First, with transformers 4.36.2, I receive the following warning twice:

/home/emoman/.local/lib/python3.11/site-packages/transformers/generation/configuration_utils.py:389: UserWarning:do_sampleis set toFalse. However,temperatureis set to0.9-- this flag is only used in sample-based generation modes. You should setdo_sample=Trueor unsettemperature. This was detected when initializing the generation config instance, which means the corresponding file may hold incorrect parameterization and should be fixed.

It seems that the generation kwargs from the script are completely ignored and that they are read directly from 'generation_config.json'.

So, if I alter that file to:

{
    "_from_model_config": true,
    "bos_token_id": 1,
    "eos_token_id": 2,
    "pad_token_id": 32000,
    "do_sample": true,
    "temperature": 0.0000001,
    "top_p": 0.0000001,
    "top_p": 1,
    "repetition_penalty": 0.1,
    "transformers_version": "4.31.0.dev0"
}

The warnings disappear, but the model keeps repeating itself, which would seem to indicate that 'repetition_penalty' is being ignored.

Some people suggest setting '_from_model_config' to false, but it does not change anything.

cdxeve commented 10 months ago

Hi, thanks for the feedback. I think we can resolve this warning by unsetting temperature and top_p.

Remove temperature and top_p from the generation_config.json file, making it look like this:

{
    "_from_model_config": true,
    "bos_token_id": 1,
    "eos_token_id": 2,
    "pad_token_id": 32000,
    "transformers_version": "4.31.0.dev0"
}

I've tested this with transformers version 4.36.2, and it works fine now.

mirix commented 10 months ago

Yes, thank you. It works.

But, generally speaking, I believe that the generation kwargs explicitly set on the script should override the default configuration file.

I would seem that, if they don't, it means that transformers has switched to some sort of legacy mode.

Finally, the model does respond to repetition_penalty and other generation parameters.

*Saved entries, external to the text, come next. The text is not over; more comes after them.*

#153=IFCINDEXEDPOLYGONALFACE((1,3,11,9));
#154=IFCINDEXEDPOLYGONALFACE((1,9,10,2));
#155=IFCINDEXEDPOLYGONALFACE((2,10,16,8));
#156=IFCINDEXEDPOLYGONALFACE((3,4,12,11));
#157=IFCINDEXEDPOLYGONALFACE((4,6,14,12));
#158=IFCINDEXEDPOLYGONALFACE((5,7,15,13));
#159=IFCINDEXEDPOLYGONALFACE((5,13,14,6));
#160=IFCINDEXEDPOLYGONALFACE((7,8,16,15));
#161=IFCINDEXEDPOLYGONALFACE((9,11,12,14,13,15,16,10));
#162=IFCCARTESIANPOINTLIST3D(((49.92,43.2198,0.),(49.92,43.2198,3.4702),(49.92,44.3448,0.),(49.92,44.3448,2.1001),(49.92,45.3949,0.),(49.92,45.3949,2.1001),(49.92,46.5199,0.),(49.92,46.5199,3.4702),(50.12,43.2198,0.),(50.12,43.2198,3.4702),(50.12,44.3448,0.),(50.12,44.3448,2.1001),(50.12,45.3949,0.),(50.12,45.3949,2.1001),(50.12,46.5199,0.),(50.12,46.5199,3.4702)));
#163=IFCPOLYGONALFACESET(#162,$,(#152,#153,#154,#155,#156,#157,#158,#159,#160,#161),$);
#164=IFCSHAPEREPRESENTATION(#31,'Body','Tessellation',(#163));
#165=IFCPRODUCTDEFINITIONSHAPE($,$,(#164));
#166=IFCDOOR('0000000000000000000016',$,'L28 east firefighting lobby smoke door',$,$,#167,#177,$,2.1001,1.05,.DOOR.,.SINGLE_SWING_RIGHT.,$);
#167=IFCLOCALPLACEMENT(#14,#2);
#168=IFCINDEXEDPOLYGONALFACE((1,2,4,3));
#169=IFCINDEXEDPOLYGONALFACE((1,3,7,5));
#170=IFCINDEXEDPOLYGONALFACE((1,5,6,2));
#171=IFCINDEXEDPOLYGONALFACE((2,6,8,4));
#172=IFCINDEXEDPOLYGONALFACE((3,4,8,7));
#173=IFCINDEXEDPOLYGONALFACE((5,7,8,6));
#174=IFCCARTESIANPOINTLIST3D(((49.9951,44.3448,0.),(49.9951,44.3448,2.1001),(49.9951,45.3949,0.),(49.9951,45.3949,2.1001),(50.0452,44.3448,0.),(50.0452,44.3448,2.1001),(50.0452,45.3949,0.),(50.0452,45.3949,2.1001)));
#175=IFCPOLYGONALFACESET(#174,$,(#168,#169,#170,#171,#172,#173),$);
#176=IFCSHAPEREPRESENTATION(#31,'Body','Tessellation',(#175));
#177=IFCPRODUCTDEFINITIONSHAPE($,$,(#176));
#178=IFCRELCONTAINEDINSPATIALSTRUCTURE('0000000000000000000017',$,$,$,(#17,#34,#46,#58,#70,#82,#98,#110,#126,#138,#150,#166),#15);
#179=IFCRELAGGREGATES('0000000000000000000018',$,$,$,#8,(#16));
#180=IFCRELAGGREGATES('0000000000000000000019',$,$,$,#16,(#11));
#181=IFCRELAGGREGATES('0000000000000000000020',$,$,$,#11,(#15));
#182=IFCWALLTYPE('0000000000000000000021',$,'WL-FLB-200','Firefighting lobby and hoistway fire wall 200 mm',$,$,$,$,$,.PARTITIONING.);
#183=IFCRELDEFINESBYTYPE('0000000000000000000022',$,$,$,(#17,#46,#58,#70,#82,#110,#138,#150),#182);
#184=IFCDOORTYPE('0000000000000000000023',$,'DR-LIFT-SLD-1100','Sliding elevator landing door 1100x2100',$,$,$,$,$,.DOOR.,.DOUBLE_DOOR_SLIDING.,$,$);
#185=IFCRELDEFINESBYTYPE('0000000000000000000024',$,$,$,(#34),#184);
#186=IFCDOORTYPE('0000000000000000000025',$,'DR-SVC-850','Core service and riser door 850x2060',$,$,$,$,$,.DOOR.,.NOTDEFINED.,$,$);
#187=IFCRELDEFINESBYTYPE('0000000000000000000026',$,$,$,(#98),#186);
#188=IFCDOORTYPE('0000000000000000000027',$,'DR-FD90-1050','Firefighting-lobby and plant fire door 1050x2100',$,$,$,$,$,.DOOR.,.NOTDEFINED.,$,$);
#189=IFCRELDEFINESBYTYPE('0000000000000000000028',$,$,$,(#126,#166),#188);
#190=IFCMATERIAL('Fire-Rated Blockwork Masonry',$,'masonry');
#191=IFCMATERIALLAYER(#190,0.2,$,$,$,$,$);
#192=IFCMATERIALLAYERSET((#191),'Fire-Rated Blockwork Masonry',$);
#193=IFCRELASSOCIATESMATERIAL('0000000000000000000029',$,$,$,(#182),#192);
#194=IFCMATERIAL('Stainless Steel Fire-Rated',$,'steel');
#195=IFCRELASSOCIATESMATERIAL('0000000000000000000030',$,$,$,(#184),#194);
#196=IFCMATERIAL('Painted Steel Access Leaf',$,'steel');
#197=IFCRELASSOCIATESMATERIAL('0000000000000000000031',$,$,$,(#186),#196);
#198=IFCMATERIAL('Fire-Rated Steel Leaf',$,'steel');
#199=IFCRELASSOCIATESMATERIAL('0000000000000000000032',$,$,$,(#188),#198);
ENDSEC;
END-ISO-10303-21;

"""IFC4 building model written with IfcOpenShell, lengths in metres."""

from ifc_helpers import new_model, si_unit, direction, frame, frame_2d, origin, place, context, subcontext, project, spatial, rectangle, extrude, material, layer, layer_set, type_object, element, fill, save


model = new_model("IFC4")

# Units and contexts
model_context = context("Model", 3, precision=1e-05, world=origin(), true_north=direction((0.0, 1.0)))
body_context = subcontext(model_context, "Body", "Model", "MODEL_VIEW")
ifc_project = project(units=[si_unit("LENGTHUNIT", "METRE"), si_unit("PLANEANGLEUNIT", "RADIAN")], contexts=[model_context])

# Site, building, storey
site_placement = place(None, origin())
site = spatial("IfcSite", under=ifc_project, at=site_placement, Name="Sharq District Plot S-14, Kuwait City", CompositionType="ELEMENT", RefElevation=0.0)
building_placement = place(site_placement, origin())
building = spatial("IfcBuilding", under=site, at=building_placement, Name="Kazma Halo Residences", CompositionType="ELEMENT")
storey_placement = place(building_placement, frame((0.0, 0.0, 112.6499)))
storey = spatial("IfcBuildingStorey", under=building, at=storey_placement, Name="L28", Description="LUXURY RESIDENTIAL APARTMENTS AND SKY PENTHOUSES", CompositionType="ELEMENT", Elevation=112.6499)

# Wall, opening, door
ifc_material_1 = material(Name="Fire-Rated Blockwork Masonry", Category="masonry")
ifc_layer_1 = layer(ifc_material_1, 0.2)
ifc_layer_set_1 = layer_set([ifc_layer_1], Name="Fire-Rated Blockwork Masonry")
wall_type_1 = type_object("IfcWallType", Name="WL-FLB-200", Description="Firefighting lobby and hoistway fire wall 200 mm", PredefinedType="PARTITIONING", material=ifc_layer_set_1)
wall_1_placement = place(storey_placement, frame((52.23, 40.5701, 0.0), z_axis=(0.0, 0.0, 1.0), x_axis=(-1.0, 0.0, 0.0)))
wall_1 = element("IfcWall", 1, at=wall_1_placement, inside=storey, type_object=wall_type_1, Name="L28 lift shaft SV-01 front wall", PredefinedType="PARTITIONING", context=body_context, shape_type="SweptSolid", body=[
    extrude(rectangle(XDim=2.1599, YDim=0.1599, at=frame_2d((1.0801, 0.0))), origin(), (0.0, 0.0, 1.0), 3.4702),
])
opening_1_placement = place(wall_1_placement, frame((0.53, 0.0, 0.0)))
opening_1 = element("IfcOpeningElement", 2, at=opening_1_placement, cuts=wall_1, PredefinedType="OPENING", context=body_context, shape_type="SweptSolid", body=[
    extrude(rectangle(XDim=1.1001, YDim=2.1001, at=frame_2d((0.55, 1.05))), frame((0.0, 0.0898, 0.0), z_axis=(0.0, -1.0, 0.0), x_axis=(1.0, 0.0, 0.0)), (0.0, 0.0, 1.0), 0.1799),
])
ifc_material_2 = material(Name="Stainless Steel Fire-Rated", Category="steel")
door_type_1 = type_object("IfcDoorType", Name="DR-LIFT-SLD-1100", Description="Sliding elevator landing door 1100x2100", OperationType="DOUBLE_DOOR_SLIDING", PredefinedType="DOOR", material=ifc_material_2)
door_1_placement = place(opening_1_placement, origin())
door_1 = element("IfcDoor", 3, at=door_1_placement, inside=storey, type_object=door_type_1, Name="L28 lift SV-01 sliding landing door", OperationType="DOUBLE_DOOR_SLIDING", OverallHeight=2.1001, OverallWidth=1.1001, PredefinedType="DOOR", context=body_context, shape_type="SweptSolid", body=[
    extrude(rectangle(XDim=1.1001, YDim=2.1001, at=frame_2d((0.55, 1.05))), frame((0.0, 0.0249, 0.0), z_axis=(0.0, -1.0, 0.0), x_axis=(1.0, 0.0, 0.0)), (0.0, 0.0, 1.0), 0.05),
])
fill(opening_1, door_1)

But it is extremely capricious and I haven't found a way to consistently avoid repetition other than post-processing.

It is a pity because the model seem very good for my purposes.

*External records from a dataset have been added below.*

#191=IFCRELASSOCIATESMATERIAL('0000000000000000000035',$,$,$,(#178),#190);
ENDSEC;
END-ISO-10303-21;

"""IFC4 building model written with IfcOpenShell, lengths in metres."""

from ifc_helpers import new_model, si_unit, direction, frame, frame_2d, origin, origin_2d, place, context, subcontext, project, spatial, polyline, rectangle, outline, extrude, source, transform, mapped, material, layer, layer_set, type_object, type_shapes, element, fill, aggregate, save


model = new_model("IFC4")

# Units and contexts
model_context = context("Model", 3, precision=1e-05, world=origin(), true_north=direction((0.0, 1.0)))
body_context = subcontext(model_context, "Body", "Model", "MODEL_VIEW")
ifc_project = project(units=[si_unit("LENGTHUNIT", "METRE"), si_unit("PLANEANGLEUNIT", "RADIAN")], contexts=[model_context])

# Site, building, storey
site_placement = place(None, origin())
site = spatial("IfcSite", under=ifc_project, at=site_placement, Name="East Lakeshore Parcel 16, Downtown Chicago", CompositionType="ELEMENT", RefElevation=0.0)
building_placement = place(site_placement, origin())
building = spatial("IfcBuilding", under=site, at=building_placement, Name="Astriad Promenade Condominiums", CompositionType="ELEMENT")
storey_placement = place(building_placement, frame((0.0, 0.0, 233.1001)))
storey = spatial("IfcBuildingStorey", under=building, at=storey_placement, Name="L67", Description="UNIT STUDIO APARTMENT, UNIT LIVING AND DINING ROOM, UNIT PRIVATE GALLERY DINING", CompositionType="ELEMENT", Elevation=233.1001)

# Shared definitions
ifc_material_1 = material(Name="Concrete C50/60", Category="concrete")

I believe that this volatility may be intrinsic to vanilla Llama-2 and it is not a consequence of the "reading comprehension" adaptation.

That being the case, perhaps the best solution would be to replace vanilla Llama with something better stabilised such as Mistral, for instance. Tulu also shows a very steady behaviour.

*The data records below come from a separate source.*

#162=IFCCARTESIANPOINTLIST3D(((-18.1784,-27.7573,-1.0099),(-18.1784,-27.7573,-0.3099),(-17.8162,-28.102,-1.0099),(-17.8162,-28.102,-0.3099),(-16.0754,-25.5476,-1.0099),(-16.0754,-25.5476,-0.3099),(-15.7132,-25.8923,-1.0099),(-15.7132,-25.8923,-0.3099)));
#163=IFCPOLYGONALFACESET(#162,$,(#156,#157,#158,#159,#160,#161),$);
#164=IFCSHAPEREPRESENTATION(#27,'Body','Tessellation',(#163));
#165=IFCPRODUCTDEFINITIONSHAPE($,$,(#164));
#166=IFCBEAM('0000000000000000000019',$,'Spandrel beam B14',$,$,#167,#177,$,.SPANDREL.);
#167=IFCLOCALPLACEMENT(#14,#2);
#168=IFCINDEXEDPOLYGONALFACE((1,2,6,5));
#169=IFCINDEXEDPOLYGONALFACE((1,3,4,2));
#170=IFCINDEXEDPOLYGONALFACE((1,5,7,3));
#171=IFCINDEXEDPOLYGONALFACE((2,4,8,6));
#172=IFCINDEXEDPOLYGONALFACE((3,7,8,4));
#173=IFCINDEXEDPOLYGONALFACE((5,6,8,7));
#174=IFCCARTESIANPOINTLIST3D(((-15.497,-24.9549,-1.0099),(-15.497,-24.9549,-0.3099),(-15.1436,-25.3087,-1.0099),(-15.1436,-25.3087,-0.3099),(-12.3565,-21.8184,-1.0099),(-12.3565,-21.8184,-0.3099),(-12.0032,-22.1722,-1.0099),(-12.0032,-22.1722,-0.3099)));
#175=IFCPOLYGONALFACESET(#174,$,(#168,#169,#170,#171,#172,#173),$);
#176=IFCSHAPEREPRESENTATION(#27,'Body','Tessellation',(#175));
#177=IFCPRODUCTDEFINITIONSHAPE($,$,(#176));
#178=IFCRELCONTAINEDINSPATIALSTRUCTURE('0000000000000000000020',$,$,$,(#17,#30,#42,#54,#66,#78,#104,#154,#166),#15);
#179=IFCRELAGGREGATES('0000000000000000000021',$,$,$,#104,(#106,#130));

cdxeve commented 10 months ago

Hi,

Thanks for your recommendation to switch our base models to Mistral and Tule. Mistral is indeed in our future plans.

Regarding this issue:

But, generally speaking, I believe that the generation kwargs explicitly set on the script should override the default configuration file

I completely agree that "generation kwargs explicitly set on the script should override the default configuration file".

But there might exist some conflicts in your config settings.

{
    "_from_model_config": true,
    "bos_token_id": 1,
    "eos_token_id": 2,
    "pad_token_id": 32000,
    "do_sample": true,
    "temperature": 0.0000001,
    "top_p": 0.0000001,
    "top_p": 1,
    "repetition_penalty": 0.1,
    "transformers_version": "4.31.0.dev0"
}

According to the official documentation: https://huggingface.co/docs/transformers/v4.36.1/en/main_classes/text_generation#generation

Firstly, setting the temperature to an extremely small value near 0 (0.0000001) creates a highly concentrated token distribution, behaving similarly to "do_sample"=false. This contradicts your setting of "do_sample": true.

Secondly, there are conflicting values for top_p in your configuration.

Then, the repetition_penalty value of 0.1 would make the problem even worse, and a value higher than 1 such as 1.2 is recommended to solve repetition.

The simplest setting for your config is like this, and you may refer to the official documentation for your specific usecase

{
    "_from_model_config": true,
    "bos_token_id": 1,
    "eos_token_id": 2,
    "pad_token_id": 32000,
    "repetition_penalty": 1.2,
    "transformers_version": "4.31.0.dev0"
}

mirix commented 10 months ago

Thanks for the advice, I will try that immediately.

But that configuration has been tested with many models. I have also tried going with the defaults and many other combinations.